Quando observamos os dados estatísticos, os processos evolutivos de longo prazo, a composição social das universidades e até a forma assumida pelas manifestações de rua, pode-se dizer que estamos diante de um processo evolutivo multiétnico e não diante de um conflito de características raciais. Até o dia de sua queda, o governo do Movimento para o Socialismo (MAS), por razões ideológicas e para manipular segmentos da população, afirmou que estamos em uma situação de colonialismo interno, de conflitos raciais e de reações violentas das aintigas elites. Nada disso resiste a uma análise minuciosa da realidade. A Bolívia, como quase todos os países do Terceiro Mundo, quer passar da tradição à modernidade, e não do capitalismo ao socialismo.

Hoje, a oposição ao MAS é composta em grande parte por setores da juventude. Embora os avanços na educação tenham sido modestos, não há dúvida de que a juventude atual está mais bem informada e tem uma visão mais ampla que a geração de seus pais. Em muito maior número que nos tempos passados, os jovens dispõem de formação universitária e se dedicam a profissões técnicas, ou seja, pertencentes ao âmbito do racionalismo ocidental. Eles conhecem as modas (e as bobagens) comuns em outras latitudes e tendem, portanto, a se afastar dos valores verticais e autoritários de comportamento, o que se expressa imediatamente nas relações de gênero. A maioria dos casos de feminicídio ocorre na Bolívia ainda presa a uma mentalidade pré-moderna.

O que percebe facilmente entre os jovens é um apego claro a valores modernos, racionais e pluralistas. Eles preferem a democracia à ditadura, a alternância de poder ao invés do governo ilimitado do caudilho, a diversidade democrática ao invés da monotonia da única ideologia permitida. Desde a Revolução de outubro de 1917 na Rússia, pode-se dizer que estes valores normativos nunca foram compreendidos por socialistas, nacionalistas, populistas e indigenistas. É esta, precisamente, a situação da mentalidade pré-moderna boliviana. Aqui neste país os intelectuais de esquerda e os setores pré-modernos da população se entusiasmam por slogans como a luta contra o capitalismo e o imperialismo e pela exaltação de metas difusas, mas emocionais, como o culto às vezes exacerbado da dignidade, da soberania e da identidade.
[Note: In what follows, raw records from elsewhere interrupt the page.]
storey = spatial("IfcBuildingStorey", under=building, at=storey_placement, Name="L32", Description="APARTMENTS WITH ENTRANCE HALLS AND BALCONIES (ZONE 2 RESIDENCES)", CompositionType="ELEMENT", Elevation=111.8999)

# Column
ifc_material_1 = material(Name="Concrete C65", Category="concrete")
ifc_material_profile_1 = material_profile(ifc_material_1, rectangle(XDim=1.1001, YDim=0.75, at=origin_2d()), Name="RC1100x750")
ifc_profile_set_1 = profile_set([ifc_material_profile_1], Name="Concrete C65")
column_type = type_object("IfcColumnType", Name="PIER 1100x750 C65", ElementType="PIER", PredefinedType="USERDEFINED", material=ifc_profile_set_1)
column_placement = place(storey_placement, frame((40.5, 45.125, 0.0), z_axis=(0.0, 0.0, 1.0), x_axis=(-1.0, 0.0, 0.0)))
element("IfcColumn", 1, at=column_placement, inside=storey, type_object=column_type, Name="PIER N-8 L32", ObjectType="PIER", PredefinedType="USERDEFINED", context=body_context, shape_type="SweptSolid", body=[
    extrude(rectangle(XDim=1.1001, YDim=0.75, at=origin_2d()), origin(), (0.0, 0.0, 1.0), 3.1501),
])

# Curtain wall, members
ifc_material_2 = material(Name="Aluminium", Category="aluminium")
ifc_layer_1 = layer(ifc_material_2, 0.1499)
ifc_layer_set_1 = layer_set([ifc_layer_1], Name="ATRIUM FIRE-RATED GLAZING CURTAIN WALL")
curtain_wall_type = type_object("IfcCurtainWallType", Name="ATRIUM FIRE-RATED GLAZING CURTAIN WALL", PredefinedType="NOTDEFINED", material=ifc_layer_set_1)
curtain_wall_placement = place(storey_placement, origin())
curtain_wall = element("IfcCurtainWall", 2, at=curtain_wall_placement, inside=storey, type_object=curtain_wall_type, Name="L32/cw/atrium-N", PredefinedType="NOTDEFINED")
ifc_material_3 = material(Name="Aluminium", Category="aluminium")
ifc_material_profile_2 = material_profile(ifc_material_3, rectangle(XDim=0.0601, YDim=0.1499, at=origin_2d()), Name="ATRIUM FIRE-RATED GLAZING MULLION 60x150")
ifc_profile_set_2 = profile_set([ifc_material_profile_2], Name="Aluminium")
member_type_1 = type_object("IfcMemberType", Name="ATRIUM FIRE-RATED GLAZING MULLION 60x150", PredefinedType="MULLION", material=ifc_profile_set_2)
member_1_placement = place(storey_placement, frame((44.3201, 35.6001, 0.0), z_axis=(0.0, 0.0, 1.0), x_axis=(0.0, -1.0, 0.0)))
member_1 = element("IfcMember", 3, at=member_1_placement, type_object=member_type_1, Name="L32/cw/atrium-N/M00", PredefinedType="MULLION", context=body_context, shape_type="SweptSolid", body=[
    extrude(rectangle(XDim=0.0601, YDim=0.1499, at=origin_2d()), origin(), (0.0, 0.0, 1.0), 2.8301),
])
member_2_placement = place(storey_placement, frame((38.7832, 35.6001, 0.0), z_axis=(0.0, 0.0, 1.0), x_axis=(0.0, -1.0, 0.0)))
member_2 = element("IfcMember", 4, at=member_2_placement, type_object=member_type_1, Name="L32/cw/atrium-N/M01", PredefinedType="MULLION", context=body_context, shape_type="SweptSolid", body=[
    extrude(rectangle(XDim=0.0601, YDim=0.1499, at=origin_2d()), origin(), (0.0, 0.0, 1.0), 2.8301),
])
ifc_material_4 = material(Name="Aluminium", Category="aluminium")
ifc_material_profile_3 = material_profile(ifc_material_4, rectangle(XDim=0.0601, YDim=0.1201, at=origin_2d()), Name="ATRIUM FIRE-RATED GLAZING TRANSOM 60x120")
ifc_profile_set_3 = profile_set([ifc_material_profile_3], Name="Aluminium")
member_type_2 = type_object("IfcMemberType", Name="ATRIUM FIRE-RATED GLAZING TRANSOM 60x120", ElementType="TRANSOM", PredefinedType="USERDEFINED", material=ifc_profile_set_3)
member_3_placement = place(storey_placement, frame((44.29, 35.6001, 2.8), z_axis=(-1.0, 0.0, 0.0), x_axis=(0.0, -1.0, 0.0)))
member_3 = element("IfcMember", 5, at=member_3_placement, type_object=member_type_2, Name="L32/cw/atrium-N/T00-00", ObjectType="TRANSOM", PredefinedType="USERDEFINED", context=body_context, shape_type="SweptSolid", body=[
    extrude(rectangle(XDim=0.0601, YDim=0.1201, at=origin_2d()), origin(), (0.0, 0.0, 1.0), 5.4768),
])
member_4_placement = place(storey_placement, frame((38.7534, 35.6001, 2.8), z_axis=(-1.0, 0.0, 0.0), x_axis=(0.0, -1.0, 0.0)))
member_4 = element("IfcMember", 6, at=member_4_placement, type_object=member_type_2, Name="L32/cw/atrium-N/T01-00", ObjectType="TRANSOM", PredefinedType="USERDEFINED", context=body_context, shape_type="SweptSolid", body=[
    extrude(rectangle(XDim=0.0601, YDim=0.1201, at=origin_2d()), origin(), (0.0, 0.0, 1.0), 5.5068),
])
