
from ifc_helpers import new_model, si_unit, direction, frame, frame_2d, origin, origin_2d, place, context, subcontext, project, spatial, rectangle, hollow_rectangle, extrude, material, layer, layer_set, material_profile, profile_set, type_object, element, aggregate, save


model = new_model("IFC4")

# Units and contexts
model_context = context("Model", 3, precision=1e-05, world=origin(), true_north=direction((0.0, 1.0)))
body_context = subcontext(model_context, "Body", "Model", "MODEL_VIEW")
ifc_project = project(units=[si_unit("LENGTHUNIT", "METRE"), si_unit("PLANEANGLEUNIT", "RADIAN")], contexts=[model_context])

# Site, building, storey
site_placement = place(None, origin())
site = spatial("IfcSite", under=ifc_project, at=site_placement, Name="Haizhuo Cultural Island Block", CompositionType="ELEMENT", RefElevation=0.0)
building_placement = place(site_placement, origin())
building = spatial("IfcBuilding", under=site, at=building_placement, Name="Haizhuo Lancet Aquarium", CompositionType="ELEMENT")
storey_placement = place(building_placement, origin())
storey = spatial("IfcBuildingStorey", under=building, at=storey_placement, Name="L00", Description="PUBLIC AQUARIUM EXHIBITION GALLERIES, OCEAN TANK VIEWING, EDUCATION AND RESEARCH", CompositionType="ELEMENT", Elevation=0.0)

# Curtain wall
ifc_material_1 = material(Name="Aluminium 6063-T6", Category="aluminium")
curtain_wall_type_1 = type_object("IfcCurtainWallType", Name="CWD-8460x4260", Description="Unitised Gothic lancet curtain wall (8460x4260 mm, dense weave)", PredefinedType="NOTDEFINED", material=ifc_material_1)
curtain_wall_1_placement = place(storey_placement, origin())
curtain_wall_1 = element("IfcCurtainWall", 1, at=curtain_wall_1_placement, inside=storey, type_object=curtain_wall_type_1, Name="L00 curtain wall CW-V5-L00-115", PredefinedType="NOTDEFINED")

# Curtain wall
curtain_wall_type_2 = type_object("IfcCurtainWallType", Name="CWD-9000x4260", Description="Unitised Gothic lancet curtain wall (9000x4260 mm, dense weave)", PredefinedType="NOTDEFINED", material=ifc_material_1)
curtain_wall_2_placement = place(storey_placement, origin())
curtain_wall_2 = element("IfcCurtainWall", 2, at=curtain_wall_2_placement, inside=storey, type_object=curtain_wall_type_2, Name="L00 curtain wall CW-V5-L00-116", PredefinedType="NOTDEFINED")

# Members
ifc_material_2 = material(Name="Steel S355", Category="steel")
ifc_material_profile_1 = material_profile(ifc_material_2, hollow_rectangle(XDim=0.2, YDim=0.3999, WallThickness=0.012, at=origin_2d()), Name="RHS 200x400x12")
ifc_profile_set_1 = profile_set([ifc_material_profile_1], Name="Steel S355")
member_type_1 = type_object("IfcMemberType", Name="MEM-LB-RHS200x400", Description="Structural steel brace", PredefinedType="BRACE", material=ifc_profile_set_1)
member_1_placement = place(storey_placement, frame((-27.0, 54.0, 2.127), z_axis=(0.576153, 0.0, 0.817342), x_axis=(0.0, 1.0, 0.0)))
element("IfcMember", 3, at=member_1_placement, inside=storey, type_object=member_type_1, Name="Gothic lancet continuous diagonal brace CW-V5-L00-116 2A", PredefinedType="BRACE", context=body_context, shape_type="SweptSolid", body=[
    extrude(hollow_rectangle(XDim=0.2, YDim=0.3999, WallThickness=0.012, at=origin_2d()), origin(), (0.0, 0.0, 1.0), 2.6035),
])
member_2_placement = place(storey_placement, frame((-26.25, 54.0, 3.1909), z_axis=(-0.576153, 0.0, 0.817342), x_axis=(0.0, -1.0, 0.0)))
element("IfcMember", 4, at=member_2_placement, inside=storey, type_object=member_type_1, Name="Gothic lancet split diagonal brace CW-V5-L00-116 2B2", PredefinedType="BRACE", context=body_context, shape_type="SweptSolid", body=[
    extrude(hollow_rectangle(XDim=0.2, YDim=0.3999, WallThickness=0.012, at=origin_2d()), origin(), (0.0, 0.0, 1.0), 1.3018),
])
Tais valores estão desatualizados no mundo globalizado de hoje.

Na Bolívia e no resto do mundo, os seguidores do socialismo, do nacionalismo e do populismo desprezaram o Estado de Direito, a irrestrita validade dos direitos humanos e o multipartidarismo político. Esta mentalidade obscurantista, mas coberta por uma auréola de progressismo, os impediu, por exemplo, de perceber os anseios das populações da Europa Oriental durante os eventos de 1989-1991. Por isso mesmo não percebem a relevância e legitimidade dos objetivos que inspiram os jovens bolivianos de nosso tempo. Os socialistas acreditavam ter a única visão científica da história e da política, mas, paradoxalmente, entregaram-se de corpo e alma aos mais convencionais caudilhos da história, como Stalin, Mao Tsé-Tung, Fidel Castro e Pol Pot, a respeito dos quais não há necessidade de acrescentar uma só palavra.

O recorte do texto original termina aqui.